LC_ADDRESS="ru_RU.UTF-8"
LC_TELEPHONE="ru_RU.UTF-8"
LC_MEASUREMENT="ru_RU.UTF-8"
LC_IDENTIFICATION="ru_RU.UTF-8"
LC_ALL=

steps for reproducing the bug:

1. open tab with url
"http://www.linux.org.ru/view-message.jsp?msgid=4193884&lastmod=1257189936108"
konqueror correctly sets chrasterset to "UTF-8"
2. open new tab with the same url (as above)
konqueror sets charasetrset to "ISO-8859-1"
Comment 8 RGBl 2009-12-16 23:41:30 UTC
I can reproduce the problem with link in comment #7: sometimes it loads OK, most of the time not, always a reload fix the rendering.
This also happens with the Spanish characters on my website.

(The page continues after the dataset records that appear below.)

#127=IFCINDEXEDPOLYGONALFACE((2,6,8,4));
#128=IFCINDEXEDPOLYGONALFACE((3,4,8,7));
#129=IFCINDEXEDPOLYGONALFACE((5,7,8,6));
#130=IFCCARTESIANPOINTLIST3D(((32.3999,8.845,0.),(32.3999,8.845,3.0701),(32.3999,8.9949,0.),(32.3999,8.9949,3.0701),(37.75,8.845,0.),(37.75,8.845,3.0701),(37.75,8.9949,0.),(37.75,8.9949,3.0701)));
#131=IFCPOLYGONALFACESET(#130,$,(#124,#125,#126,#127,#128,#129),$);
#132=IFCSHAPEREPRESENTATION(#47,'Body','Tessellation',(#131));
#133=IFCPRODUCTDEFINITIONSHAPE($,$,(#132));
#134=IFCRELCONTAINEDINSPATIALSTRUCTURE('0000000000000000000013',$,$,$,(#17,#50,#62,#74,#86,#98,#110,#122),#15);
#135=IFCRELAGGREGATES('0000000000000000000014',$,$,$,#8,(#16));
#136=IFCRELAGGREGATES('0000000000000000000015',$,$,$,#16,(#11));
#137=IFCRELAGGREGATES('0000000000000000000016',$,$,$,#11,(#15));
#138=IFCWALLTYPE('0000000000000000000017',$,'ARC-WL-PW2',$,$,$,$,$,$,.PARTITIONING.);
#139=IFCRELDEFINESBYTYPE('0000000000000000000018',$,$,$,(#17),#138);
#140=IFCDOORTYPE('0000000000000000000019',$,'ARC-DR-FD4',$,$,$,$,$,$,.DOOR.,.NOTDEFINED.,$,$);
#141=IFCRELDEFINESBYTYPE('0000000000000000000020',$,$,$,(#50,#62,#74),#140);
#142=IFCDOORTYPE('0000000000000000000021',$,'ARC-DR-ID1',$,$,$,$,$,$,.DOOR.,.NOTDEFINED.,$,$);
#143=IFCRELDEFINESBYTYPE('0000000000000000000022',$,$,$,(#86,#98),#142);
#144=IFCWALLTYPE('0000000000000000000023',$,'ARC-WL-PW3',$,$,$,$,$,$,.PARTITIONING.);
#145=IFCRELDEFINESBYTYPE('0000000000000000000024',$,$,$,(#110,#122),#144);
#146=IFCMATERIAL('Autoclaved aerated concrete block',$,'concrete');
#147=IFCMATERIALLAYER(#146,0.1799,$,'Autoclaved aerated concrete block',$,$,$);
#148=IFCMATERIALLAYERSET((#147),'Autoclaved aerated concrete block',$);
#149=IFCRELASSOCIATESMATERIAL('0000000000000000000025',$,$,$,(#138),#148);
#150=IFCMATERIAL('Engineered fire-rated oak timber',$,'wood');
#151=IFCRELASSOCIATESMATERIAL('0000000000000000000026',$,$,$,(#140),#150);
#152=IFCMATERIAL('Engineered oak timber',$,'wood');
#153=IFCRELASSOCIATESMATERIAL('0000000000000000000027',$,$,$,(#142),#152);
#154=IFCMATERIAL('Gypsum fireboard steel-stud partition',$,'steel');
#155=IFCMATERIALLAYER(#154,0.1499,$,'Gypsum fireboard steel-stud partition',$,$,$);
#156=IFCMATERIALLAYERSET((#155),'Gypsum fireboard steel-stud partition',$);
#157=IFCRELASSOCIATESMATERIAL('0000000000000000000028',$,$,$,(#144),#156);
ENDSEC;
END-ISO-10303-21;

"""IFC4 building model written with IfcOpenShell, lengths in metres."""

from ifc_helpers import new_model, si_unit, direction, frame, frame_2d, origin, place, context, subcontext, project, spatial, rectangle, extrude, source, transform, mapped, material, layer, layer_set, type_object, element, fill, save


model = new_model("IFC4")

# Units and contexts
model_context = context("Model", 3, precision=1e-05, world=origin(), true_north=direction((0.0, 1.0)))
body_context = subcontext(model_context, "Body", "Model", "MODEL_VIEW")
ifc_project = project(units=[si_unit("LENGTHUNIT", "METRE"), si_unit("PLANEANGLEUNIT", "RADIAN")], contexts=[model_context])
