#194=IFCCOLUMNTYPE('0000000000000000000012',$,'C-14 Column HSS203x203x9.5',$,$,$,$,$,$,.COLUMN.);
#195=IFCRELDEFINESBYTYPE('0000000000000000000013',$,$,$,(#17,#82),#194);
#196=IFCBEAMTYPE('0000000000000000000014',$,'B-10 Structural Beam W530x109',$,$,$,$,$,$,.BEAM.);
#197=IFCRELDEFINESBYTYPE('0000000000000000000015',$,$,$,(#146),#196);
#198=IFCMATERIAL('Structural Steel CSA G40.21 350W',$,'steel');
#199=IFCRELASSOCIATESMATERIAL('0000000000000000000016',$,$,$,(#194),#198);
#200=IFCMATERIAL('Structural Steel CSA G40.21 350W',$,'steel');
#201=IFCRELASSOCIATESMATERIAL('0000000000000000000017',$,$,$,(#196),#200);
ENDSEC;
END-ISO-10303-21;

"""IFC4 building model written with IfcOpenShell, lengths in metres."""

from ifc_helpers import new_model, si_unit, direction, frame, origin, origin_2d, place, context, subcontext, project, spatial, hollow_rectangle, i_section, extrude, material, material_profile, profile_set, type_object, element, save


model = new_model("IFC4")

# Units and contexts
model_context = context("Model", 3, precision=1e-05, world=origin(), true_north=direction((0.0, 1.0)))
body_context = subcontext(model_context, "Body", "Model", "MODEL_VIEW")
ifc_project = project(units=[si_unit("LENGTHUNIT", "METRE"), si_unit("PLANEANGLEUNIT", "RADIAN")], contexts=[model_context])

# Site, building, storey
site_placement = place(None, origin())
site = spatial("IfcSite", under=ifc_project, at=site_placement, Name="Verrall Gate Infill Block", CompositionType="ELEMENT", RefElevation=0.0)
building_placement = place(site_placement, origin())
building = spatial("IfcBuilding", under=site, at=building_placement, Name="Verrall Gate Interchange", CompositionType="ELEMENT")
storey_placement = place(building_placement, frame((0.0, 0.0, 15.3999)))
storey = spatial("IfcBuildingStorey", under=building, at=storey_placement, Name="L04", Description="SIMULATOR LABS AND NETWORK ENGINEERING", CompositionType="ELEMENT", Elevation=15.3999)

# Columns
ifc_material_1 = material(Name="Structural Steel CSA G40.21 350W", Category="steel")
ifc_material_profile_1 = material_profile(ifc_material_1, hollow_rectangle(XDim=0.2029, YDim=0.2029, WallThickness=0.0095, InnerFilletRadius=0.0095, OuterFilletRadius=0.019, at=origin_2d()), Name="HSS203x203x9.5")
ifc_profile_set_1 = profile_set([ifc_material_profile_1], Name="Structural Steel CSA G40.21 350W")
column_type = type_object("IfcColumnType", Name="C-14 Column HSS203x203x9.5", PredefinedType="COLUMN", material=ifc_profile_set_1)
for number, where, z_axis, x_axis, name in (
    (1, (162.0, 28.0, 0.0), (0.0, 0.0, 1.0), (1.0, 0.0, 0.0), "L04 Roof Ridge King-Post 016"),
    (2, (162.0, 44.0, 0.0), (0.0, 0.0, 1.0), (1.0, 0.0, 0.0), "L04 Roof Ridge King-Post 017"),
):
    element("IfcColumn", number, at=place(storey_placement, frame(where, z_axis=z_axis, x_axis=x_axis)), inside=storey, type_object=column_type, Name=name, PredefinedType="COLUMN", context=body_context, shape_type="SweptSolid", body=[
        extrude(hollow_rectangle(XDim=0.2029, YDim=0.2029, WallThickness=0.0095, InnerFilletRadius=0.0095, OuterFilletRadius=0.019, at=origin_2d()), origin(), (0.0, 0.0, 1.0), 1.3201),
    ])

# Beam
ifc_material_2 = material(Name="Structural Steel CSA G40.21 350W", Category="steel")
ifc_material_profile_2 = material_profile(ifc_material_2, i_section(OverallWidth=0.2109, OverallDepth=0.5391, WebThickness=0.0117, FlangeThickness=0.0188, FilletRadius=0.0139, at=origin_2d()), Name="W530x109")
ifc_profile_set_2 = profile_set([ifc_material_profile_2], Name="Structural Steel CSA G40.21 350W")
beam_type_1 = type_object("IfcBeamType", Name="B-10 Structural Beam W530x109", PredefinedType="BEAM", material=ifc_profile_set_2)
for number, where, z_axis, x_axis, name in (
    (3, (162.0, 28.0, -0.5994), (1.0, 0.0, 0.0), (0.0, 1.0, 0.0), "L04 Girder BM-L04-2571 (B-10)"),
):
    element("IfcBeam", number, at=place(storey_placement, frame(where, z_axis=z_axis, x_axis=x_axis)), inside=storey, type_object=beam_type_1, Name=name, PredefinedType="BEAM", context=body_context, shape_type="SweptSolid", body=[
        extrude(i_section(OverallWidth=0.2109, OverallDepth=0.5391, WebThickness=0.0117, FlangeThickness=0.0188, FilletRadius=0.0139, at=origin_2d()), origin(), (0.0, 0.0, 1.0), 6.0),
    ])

For example it shows "pingüinos" instead of "pingüinos", "Fotografía" instead of "Fotografía" and a lot of "Â" here and there. As with the Russian site, sometimes it loads OK, most of the time fails, a reload always fix it.
Konqueror 4.3.1 release 6 on openSUSE 11.2 64 bits. Encoding is set to "predefined"
No problem with rekonq nor firefox.
Comment 9 Andrey Cherepanov 2009-12-17 11:09:12 UTC
There is no problem with encoding in Konqueror 4.3.4. Please, check this version and I will close this bug.
Comment 10 Māris Nartišs 2010-01-29 14:15:17 UTC
(In reply to comment #9)
> There is no problem with encoding in Konqueror 4.3.4. Please, check this
> version and I will close this bug.

I'm still able to reproduce this issue with 4.3.5 (somebody with enough carma, please, reopen this bug). Problem is that second time Konqueror takes page from it's cache. Any page, which head element lacks META tag with encoding, gets default encoding instead of one provided by web server, as original page HTTP header is lost. 

Solution - Konqueror's cache mechanism should also cache HTTP header data not only page content.